The algorithm is not very sophisticated and can probably be improved, but this is not the focus of the recipe.
The frequency function contains the call to the "fork/join" API. The code follows a simple pattern. If the job is small enough, then execute it directly. Otherwise, split the job and apply the calculateFrequency algorithm to the smaller chunks (in this case, sublists of words).
The smaller jobs are executed by concurrent threads. The number of these threads can be tuned by modifying the value passed to the withPool method.
Things get interesting in the else branch of the condition that determines if the job has to be divided into chunks.
The partition function is statically imported from the com.google.common.collect. Lists class, which belongs to the amazing Guava library. It slices up a list and returns consecutive sublists of the list, each of the same size (the last sublist may be smaller).
For each sublist, the forkOffChild method is invoked. This method returns immediately and schedules a task for execution (the task in this case is the calculateFrequency function).

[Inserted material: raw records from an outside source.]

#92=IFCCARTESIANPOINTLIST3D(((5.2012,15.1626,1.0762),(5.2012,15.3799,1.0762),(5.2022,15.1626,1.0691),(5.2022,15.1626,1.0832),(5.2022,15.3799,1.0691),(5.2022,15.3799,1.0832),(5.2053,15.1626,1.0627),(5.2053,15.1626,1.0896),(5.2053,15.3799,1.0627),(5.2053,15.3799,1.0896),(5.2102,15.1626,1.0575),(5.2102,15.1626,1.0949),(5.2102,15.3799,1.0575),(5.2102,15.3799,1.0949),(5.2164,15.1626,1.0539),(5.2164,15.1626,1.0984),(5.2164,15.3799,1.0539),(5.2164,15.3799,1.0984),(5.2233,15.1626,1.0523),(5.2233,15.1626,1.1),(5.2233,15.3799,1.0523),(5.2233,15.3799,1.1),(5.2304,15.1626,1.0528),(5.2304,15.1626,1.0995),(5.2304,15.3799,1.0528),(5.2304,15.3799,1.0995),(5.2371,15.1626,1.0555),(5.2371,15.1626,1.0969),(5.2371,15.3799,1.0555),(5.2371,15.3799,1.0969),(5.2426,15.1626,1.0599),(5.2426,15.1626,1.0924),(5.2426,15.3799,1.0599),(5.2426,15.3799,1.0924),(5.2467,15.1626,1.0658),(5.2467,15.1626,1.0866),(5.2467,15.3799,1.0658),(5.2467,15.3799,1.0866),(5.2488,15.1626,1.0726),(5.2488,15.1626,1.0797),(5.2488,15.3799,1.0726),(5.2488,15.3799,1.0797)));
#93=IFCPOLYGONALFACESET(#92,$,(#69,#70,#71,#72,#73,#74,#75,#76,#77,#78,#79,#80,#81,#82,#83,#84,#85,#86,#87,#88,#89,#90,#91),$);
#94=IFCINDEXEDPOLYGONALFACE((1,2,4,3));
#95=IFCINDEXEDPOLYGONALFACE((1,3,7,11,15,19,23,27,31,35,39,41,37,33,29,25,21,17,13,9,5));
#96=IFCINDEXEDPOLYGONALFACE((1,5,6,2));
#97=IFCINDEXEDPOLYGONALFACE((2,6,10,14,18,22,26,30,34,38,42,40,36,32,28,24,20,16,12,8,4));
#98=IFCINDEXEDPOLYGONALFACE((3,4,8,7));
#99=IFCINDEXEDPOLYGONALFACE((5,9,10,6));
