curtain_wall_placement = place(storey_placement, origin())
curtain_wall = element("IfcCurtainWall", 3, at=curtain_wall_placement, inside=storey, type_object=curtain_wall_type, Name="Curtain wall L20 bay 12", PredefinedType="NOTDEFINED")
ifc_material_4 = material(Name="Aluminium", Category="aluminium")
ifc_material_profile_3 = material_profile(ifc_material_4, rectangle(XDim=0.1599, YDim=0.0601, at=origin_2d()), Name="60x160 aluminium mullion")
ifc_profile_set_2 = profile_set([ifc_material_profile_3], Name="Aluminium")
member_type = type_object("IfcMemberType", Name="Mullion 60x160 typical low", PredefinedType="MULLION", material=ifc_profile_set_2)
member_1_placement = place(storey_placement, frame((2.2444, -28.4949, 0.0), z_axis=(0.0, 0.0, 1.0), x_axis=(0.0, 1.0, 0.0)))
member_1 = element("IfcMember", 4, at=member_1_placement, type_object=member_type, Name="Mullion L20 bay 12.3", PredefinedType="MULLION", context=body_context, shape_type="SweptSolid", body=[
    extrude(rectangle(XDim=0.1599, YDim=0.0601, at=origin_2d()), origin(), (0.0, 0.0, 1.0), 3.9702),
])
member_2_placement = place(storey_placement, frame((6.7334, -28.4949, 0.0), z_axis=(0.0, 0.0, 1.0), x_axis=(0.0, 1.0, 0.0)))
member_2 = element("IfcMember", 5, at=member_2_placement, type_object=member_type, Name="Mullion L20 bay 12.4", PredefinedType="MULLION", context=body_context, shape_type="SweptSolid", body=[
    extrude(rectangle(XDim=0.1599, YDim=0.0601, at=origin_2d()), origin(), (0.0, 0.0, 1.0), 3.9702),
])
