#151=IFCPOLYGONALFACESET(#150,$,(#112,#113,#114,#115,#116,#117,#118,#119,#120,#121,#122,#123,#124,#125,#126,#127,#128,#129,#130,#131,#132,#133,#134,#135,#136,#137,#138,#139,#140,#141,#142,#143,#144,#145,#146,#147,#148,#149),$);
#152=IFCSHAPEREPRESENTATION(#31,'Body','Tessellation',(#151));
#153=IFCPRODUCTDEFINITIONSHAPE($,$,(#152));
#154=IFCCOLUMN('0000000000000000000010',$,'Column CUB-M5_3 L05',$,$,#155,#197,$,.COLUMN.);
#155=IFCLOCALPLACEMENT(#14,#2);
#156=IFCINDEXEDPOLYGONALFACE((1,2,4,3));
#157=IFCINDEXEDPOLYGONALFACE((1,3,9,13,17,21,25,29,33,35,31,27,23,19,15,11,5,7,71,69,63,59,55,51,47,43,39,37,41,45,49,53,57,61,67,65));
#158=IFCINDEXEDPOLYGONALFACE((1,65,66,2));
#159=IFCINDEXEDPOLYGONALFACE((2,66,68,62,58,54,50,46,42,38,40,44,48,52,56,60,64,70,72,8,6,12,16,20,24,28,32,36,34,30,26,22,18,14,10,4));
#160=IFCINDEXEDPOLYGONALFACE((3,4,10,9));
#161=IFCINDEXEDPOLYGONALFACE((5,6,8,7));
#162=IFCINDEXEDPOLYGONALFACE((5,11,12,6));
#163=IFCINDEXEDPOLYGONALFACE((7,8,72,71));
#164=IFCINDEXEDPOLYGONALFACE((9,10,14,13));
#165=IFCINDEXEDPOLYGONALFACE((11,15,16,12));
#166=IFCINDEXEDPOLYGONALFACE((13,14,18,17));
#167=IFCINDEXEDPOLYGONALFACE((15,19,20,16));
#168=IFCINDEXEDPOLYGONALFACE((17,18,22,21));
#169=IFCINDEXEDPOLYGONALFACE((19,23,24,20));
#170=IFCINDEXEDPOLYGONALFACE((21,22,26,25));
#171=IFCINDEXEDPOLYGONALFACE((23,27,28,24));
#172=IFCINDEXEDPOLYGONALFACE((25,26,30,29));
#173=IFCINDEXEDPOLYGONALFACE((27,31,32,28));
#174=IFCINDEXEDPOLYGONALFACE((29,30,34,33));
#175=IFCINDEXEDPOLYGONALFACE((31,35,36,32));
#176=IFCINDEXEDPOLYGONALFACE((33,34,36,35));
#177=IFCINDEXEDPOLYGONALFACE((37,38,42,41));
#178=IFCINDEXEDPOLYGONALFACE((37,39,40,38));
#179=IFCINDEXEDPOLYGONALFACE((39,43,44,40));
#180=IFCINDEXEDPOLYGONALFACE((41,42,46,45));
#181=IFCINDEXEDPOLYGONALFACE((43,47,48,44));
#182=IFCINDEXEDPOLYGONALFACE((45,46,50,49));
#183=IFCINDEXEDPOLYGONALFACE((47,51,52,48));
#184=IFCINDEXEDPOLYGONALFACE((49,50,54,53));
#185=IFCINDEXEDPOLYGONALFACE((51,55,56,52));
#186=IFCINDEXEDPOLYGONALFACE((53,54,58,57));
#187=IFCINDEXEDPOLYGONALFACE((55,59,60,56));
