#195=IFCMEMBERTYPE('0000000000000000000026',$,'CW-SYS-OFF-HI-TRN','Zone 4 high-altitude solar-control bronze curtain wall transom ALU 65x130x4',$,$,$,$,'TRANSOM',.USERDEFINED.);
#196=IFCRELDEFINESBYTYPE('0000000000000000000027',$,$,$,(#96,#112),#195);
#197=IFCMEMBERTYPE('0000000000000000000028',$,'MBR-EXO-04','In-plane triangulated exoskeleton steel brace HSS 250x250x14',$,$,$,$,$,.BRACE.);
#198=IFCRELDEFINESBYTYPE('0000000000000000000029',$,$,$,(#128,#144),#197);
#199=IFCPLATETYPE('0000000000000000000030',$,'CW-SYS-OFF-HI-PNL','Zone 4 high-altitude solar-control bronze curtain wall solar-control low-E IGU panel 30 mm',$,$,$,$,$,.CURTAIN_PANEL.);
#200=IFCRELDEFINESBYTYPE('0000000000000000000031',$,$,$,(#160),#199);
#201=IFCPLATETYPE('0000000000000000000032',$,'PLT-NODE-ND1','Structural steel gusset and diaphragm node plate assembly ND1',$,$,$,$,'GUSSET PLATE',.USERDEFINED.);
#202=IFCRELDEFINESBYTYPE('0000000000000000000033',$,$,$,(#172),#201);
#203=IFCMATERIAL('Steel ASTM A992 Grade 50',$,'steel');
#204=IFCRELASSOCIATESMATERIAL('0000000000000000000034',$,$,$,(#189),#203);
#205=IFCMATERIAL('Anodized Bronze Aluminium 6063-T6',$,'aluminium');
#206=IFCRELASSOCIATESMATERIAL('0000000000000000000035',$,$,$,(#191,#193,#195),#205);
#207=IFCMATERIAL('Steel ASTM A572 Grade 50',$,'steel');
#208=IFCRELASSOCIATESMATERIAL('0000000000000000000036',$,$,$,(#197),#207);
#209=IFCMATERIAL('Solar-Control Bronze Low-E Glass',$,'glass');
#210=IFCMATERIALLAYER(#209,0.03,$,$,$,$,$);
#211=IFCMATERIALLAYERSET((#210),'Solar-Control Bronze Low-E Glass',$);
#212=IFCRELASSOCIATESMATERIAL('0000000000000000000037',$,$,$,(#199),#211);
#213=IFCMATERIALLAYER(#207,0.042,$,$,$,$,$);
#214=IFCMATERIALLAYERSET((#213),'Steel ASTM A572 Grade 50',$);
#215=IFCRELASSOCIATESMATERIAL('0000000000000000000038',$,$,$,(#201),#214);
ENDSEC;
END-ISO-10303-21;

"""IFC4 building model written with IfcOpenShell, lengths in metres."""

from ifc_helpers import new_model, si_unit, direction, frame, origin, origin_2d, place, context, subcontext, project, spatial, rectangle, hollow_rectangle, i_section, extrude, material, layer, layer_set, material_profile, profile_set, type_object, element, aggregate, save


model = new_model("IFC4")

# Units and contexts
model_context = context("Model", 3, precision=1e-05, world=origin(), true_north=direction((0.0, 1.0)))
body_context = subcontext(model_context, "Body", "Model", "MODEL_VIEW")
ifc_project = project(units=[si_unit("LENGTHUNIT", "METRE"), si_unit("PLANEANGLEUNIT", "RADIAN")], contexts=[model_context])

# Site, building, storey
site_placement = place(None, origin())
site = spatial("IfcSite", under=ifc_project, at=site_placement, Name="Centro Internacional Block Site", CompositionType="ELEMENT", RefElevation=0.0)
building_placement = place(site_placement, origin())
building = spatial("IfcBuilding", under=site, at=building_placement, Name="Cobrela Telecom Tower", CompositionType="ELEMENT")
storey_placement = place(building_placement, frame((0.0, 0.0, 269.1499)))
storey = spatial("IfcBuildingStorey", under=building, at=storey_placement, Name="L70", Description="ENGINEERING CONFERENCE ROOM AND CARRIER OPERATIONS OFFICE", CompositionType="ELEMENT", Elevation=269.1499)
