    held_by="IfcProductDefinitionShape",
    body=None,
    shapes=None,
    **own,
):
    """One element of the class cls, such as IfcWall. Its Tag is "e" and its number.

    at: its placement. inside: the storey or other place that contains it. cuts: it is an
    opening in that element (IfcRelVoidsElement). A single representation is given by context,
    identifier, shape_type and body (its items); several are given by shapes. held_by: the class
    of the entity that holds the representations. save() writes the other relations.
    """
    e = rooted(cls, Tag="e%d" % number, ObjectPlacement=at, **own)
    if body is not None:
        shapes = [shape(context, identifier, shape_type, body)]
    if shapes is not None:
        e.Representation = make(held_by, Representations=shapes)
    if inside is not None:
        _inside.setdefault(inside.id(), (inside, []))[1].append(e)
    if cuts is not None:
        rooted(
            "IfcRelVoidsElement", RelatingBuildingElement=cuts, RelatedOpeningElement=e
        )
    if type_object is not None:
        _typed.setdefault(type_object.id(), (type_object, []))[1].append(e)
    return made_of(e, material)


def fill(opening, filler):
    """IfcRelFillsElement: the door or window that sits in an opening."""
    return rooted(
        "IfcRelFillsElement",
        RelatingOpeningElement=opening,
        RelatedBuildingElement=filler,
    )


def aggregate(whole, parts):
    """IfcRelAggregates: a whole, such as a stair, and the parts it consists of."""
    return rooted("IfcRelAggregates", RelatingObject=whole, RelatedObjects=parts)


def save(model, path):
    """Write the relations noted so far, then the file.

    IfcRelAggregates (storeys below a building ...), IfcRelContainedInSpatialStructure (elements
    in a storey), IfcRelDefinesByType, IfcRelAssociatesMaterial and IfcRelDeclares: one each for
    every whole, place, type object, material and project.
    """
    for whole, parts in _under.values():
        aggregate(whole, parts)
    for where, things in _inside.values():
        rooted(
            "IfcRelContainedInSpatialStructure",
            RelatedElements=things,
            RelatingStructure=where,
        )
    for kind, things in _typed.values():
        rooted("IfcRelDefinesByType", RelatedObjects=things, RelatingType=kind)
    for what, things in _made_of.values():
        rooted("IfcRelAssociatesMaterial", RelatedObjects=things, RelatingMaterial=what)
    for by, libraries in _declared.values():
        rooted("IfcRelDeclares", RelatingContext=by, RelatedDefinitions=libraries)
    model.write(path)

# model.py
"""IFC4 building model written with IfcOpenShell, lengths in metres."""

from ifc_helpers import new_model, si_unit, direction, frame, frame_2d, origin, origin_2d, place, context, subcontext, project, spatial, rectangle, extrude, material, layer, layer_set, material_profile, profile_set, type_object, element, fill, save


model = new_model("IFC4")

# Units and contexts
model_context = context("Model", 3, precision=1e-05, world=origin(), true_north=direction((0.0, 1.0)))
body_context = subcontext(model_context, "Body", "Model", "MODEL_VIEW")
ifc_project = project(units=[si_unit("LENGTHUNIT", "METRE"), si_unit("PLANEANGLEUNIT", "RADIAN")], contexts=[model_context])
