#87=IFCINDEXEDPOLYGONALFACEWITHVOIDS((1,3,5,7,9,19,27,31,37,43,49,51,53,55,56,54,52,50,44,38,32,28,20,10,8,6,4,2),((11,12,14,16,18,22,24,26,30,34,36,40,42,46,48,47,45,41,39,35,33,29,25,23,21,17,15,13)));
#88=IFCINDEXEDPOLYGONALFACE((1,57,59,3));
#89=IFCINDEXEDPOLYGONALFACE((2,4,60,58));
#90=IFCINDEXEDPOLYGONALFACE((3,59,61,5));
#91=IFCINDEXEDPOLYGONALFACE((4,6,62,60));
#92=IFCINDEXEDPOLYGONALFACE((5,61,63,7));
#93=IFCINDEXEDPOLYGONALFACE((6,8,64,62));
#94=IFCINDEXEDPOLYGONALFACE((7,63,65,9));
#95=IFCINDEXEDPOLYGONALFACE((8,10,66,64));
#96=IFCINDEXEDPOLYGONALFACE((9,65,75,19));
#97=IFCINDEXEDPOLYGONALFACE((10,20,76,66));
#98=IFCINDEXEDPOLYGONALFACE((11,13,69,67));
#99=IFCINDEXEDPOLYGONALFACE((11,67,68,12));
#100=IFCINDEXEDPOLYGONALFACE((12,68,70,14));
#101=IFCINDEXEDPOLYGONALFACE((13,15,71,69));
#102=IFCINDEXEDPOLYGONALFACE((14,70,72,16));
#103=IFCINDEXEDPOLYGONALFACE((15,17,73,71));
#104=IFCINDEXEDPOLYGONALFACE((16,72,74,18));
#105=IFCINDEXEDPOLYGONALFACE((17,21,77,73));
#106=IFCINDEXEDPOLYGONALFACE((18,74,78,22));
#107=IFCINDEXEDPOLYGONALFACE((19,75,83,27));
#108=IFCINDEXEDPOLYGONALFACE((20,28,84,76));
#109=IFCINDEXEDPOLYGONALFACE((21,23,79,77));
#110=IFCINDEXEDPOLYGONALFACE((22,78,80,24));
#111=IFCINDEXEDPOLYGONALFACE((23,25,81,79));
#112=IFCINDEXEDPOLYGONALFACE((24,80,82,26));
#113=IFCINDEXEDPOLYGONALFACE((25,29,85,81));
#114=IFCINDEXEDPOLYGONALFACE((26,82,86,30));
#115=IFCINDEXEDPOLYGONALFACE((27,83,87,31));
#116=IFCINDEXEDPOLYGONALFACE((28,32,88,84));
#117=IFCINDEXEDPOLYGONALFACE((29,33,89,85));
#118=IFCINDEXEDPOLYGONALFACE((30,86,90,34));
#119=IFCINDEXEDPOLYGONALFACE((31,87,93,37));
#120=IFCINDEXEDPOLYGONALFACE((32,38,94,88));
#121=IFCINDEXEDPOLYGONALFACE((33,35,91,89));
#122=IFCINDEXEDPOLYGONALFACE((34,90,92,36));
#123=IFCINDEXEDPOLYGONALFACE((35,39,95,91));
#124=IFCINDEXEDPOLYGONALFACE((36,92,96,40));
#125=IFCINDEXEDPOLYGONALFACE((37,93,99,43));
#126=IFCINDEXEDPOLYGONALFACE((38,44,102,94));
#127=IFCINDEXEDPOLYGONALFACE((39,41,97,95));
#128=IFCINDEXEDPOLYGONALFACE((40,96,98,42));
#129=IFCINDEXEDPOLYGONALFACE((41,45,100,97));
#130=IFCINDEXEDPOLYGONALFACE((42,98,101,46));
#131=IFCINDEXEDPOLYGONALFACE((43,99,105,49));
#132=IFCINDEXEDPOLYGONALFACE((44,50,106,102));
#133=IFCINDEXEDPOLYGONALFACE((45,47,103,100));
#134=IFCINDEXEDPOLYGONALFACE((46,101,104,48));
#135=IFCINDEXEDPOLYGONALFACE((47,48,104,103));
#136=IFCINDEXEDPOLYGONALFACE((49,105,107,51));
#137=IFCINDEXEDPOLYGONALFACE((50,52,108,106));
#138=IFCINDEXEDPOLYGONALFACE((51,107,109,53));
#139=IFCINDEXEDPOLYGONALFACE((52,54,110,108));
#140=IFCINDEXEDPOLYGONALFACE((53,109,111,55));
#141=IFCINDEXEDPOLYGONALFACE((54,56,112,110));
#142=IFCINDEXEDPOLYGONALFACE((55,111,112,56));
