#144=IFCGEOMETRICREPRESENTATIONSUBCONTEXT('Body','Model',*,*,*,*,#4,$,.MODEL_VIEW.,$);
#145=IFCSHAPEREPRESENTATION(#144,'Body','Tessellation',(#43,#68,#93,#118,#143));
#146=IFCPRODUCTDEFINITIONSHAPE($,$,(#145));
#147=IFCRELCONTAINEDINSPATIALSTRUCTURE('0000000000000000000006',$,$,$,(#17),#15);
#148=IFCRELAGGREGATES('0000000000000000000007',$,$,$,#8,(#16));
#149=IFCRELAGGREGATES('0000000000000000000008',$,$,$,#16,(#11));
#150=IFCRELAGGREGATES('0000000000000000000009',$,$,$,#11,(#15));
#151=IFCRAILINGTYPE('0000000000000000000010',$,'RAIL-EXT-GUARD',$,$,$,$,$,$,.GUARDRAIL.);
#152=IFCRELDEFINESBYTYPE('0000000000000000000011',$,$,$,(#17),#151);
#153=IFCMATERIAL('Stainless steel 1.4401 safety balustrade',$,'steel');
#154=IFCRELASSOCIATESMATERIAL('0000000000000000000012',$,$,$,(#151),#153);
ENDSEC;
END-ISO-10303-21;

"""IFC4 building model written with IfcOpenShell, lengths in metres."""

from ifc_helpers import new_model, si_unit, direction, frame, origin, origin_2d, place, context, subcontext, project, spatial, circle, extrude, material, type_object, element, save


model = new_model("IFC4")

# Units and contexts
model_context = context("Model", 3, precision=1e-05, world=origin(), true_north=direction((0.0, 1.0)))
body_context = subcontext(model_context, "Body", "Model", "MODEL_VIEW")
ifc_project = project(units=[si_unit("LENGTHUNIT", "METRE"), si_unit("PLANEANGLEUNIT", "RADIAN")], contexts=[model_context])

When all the tasks are eventually executed, we can collect and return them by calling childrenResults, which contains a list of whatever is returned by runForkJoin. The runForkJoin factory method will execute the provided recursive code along with the supplied values and build a hierarchical "fork/join" calculation. The number of values passed to the runForkJoin method has to match the number of the closure's expected parameters, as well as the number of arguments passed into the forkOffChild method.
The last segment of the frequency function iterates on the Maps returned by the parallel computation and adds them to a master Map, which contains the full list of words, ordered by frequency.
The test executes the following steps:
1.Download a rather large chunk of text (over 1 million tokens).
2.Split it into tokens using the PTBTokenizer from the NLP library (better than using split(' ')) developed by the Stanford University.
3.Call the frequency method and compute the time it took to run the frequency operation;
4.Sort the map by frequency and print out the frequency values for words appearing more than 50 times.